MONTREAL — After Labour Minister Steven MacKinnon Dec. 13 called on the Canadian Industrial Relations Board to order back to work the 55,000 Canadian Union of Postal Workers members on strike, the union denounced “this assault on our constitutionally protected right to collectively bargain and to strike.” It “continues a deeply troubling pattern in which the government uses its arbitrary powers to let employers off the hook, drag their feet, and refuse to bargain in good faith with workers and their unions.”
The workers have been on strike since Nov. 15.
Over the last few months, Ottawa has ordered striking port workers in Quebec and British Columbia, members of the Canadian Union of Public Employees and of the International Longshore and Warehouse Union, and Teamsters union rail workers at Canadian National and Canadian Pacific Kansas City, back to work under compulsory arbitration.
The Industrial Relations Board issued the return-to-work order Dec. 15, extending the current collective agreements between Canada Post and Canadian Union of Postal Workers until May 2025, allegedly to provide more time for negotiations to continue. Meanwhile, Canada Post announced it has agreed to implement a 5% wage increase, retroactive to the day after the contracts expired at the end of last December.
Fight is in interest of all workers
Postal workers are fighting for higher wages and safe working conditions. On Dec. 9 the union lowered its wage demands from 24% to 19% over four years. Canada Post didn’t respond, leaving its “offer” of 11.5% over four years on the table.
“My hourly wages have only increased by $9 [US$6.30] in 30 years at Canada Post.

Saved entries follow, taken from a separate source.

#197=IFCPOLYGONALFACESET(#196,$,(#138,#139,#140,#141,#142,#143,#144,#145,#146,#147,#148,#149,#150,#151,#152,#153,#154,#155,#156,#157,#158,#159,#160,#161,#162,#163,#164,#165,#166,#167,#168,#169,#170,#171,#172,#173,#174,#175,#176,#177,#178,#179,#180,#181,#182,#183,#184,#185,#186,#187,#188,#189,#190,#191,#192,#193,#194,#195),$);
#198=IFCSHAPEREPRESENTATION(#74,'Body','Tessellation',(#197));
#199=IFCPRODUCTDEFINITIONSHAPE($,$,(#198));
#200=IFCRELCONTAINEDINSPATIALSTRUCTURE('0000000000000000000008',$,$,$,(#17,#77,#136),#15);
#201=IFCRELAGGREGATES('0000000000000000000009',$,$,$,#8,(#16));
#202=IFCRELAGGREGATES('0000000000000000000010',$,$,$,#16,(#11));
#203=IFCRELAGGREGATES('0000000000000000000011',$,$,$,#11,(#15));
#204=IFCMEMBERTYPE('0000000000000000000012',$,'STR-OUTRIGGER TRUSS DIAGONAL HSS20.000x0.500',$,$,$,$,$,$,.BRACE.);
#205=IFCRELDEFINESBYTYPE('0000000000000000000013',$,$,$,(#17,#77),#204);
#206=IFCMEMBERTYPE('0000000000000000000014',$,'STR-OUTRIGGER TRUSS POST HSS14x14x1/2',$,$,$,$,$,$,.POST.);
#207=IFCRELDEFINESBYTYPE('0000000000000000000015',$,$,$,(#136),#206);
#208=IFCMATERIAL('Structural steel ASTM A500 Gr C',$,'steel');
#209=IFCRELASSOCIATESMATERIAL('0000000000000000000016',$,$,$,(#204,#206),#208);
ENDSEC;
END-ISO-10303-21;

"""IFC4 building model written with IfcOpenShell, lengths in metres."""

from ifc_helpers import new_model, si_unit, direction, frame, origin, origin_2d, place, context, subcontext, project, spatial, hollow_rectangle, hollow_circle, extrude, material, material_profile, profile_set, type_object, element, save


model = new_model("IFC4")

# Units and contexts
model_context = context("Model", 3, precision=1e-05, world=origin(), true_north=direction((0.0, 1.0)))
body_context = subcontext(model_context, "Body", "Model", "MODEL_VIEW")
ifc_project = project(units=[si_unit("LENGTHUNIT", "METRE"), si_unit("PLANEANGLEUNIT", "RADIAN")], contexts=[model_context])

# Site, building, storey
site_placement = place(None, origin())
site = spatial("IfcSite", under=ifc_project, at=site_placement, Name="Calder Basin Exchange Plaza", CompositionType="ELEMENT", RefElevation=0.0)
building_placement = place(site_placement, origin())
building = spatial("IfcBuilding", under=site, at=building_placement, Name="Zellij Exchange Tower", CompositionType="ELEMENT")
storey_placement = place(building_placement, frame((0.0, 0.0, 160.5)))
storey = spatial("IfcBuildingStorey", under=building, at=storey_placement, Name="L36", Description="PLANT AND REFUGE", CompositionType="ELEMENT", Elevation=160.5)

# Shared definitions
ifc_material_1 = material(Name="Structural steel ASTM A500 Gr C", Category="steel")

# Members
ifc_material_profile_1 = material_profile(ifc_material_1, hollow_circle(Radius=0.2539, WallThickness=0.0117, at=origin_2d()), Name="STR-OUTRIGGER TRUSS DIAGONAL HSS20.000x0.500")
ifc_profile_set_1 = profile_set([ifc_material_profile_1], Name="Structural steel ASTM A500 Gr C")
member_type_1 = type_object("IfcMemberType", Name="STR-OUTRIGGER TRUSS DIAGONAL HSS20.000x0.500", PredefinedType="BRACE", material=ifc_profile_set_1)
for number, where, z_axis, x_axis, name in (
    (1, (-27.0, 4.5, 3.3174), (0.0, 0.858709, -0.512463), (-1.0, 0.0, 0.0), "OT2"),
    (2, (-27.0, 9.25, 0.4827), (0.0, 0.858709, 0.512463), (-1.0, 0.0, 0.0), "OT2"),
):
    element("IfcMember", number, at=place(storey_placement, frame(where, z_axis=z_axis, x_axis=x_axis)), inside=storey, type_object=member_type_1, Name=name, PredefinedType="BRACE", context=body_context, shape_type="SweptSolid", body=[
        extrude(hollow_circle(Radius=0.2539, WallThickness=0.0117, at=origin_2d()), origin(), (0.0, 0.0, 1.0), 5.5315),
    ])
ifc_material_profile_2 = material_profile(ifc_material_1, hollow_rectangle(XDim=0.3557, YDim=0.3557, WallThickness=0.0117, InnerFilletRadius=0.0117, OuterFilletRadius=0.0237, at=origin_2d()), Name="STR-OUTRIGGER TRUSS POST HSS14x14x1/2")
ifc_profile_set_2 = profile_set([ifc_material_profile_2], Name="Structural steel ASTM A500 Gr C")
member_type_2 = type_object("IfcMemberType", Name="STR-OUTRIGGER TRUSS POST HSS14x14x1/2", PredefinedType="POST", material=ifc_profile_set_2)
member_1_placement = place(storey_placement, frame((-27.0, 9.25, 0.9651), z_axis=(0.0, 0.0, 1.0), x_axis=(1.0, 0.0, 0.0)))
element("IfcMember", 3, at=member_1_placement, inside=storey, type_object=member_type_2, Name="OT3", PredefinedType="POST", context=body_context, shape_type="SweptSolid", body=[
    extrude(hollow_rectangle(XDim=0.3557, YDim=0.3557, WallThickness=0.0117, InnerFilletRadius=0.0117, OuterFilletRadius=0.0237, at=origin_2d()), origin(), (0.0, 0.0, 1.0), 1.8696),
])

It leads to impoverishment,” Helene Perron, a letter carrier in Laval near here, told the Militant on the picket line Dec. 12.
“In my 30 years with the post office, management never negotiates in good faith. There is always the threat of being ordered back to work,” letter carrier Marie-Christine said.

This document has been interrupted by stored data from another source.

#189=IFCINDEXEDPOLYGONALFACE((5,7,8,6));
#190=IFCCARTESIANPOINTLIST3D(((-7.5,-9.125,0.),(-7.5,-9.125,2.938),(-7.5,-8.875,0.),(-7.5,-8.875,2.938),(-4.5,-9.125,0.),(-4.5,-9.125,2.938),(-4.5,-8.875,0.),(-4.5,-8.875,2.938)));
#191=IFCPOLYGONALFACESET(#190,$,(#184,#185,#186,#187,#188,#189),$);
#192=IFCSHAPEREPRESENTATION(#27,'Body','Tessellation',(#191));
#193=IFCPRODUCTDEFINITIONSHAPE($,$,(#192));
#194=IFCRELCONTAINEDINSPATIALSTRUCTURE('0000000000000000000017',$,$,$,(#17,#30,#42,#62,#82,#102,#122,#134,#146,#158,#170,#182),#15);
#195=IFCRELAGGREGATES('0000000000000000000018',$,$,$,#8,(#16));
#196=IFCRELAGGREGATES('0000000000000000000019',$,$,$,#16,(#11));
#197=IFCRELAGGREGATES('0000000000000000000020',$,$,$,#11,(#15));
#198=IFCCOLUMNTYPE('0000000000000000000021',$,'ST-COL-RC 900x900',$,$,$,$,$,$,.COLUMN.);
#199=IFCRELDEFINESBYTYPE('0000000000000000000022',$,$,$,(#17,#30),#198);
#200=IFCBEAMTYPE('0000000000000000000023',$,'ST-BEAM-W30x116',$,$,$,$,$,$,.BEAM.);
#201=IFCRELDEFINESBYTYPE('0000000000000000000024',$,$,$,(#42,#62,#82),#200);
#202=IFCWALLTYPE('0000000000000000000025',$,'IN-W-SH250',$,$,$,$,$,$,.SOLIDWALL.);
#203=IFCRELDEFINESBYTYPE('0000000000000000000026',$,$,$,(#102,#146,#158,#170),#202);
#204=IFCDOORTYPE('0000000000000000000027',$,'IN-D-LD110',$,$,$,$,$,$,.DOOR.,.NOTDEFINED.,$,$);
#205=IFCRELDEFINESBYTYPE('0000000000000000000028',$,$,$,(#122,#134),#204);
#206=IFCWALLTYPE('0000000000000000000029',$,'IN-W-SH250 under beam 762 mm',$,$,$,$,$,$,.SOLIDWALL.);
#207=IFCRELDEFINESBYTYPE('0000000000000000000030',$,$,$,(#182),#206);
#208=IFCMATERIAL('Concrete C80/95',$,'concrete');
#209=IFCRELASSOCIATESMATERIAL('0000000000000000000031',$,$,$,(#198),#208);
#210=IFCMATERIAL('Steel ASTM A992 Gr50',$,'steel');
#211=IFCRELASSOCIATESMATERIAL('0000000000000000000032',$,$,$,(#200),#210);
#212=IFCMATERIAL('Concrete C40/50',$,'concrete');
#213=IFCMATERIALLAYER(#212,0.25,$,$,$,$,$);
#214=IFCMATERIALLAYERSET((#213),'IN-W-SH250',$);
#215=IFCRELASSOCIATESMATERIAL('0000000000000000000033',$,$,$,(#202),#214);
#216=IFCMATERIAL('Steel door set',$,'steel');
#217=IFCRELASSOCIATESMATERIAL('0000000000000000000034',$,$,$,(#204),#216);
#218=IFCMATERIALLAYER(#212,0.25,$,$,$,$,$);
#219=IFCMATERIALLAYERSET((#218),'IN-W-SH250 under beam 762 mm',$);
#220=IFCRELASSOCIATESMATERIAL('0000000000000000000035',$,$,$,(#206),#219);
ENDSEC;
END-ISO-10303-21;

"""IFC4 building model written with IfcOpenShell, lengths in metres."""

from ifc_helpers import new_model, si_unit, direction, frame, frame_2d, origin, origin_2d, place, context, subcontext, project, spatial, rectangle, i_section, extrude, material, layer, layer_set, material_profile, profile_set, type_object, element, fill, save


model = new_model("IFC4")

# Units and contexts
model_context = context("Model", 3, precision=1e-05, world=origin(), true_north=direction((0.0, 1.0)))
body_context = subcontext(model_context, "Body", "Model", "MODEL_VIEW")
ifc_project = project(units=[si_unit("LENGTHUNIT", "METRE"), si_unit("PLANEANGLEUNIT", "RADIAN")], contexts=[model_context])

“They want Canada Post to copy the Amazon model — precarious work with no benefits, no good work, no decent wages,” Mississauga, Ontario, union shop steward Sarbjeet Deol said.
Another key issue is Canada Post’s plan to hire part-timers to deliver parcels on weekends, creating a two-tier wage system, with new workers earning less and having fewer benefits. The bosses also want a separate retirement scheme for these new employees that doesn’t guarantee a pension. The union continues to defend the defined-benefit pension plan its members have now.

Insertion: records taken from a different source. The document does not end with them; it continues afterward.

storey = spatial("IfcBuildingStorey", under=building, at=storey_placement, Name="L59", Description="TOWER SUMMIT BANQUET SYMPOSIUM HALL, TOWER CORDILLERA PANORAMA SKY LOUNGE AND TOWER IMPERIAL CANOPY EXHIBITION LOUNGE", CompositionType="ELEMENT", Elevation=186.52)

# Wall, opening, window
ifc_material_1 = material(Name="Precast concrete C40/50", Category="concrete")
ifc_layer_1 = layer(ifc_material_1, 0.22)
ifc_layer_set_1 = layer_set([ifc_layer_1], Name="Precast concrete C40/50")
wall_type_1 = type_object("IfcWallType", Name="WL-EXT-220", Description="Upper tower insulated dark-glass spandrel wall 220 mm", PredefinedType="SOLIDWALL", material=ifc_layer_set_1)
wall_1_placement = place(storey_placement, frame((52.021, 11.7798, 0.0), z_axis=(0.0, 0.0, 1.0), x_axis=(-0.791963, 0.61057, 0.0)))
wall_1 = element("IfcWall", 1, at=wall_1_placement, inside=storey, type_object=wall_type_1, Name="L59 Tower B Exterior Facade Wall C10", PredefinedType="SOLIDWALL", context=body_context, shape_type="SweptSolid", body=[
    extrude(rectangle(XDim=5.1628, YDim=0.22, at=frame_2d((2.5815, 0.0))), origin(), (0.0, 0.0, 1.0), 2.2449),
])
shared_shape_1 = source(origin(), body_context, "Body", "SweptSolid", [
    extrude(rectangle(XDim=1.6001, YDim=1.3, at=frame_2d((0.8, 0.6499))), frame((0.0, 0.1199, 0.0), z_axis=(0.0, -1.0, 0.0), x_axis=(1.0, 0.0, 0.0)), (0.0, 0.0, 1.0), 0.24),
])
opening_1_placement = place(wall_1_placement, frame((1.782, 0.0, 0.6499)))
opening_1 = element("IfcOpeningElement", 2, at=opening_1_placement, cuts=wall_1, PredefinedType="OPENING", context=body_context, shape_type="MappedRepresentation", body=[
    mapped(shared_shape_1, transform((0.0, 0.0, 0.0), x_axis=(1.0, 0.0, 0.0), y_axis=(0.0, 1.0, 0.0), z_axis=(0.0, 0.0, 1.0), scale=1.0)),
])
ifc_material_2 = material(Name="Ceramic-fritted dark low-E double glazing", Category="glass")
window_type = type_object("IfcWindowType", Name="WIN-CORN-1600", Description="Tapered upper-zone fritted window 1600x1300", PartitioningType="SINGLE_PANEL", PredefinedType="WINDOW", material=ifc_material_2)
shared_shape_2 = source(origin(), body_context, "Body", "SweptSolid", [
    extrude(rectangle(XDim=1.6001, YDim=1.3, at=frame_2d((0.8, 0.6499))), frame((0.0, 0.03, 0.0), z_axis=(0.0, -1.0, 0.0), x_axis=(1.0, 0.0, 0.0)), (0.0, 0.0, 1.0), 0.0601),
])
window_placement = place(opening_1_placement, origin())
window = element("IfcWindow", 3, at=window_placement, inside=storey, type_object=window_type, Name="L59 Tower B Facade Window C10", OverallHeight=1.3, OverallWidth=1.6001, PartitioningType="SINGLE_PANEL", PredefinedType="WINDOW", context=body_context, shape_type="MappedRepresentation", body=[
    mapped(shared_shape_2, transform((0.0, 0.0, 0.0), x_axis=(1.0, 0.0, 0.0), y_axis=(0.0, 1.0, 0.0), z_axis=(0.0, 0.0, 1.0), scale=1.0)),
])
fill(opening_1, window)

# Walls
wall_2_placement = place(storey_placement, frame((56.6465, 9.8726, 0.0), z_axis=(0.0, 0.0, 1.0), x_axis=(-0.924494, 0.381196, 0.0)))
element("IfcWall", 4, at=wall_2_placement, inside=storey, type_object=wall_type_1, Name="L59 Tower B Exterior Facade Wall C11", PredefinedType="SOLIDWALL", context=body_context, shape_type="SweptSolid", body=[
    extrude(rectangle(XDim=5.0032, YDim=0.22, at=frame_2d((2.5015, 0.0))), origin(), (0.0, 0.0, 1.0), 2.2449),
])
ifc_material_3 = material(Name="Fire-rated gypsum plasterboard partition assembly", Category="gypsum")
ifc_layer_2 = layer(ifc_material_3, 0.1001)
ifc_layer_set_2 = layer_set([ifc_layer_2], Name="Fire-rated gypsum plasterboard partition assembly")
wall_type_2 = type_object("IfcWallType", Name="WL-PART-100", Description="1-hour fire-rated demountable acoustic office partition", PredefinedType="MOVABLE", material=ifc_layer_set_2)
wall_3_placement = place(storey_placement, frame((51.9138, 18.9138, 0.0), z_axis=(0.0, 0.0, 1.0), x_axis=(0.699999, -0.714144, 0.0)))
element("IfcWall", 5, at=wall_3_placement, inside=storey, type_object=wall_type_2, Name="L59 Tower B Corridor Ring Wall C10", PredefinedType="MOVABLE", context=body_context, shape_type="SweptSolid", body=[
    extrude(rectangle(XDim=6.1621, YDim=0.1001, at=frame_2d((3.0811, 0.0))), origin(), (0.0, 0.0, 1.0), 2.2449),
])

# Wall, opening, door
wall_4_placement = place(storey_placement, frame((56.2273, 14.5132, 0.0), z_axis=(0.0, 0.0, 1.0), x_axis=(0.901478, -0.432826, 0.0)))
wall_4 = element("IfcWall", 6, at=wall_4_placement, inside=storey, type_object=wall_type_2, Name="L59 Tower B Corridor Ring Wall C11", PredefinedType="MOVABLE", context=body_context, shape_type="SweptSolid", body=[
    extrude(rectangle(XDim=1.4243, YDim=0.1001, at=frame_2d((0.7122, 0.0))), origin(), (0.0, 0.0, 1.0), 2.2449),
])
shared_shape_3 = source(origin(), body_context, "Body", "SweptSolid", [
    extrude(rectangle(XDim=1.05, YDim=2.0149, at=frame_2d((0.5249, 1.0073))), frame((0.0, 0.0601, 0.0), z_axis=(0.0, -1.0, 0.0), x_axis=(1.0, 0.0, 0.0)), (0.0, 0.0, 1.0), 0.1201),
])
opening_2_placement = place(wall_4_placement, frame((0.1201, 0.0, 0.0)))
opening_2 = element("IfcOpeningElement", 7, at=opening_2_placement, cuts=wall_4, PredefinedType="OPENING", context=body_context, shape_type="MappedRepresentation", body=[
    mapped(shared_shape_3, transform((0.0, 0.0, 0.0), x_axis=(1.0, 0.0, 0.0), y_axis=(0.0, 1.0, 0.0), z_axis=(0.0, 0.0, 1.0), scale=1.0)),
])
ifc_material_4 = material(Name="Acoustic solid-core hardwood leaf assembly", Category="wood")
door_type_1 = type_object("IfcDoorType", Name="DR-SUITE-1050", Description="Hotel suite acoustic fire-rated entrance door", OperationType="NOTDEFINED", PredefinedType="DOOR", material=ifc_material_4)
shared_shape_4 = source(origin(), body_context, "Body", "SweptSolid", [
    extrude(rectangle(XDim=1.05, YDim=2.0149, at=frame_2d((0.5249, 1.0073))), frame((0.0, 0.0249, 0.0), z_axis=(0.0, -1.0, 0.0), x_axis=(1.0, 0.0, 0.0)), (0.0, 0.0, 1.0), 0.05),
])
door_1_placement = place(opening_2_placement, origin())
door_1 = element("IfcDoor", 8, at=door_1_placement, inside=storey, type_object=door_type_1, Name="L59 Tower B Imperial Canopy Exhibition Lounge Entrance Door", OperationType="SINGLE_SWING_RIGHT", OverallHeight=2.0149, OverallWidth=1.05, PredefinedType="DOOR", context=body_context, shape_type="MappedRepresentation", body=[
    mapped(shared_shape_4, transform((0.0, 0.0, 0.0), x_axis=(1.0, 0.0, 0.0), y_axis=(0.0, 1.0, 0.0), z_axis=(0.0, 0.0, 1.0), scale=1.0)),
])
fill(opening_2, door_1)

More than 100 pickets defiantly rallied at the city’s mail-processing plant in Calgary, Alberta, Dec. 14. Postal workers Local 710 President Wycliffe Oduor vowed workers won’t accept anything short of their demands. Alberta Federation of Labour President Gil McGowan spoke, noting Labour Minister MacKinnon has claimed he supports the right to strike. “So which is it? Do workers have the right to strike or not?” he asked. Ottawa “is sending a message to all employers that all they have to do is stall negotiations” in order to have the government impose a contract on workers.
Postal workers and their supporters rallied at the offices of federal Deputy Prime Minister and Finance Minister Chrystia Freeland in Toronto Dec. 16. The action was backed by the Toronto and York Regional Labour Council, which said the fight is in defense of the rights of all workers.
Canadian Union of Postal Workers Local 126 President Craig Dyer told CBC in St. John’s, Newfoundland, Dec. 16 that union members were angry at the government for taking away their right to negotiate a contract and won’t commit to obey the back-to-work order.
In Toronto CUPW member Helen Karrandjas told Canadian Press, “We work hard. We deserve a living wage, and it looks like Canada Post’s upper management is not willing to negotiate.”
A long history of struggle
In 1965 the CUPW won the right to collective bargaining. It defied government policies and staged a victorious “illegal” strike across the country for two weeks that extended bargaining rights to most federal public-sector workers.
Canada Post workers have been issued back-to-work orders five times in the last 46 years, under both Liberal and Conservative governments. In March 1979 postal workers defied Ottawa’s attempt to impose a contract on them. CUPW President Jean-Claude Parrot was jailed for three months for refusing to order them back to work.
“As a member of Teamsters Canada Rail Conference and conductor at Canadian National Railway, I have participated with fellow rail workers on the picket lines of the longshore workers and Canada Post strikers. This kind of solidarity is needed on a broad scale to unite workers in a struggle to defeat Ottawa’s attacks on the right to strike,” Philippe Tessier, Communist League candidate in the upcoming Quebec by-election in Terrebonne, told the Militant Dec. 16.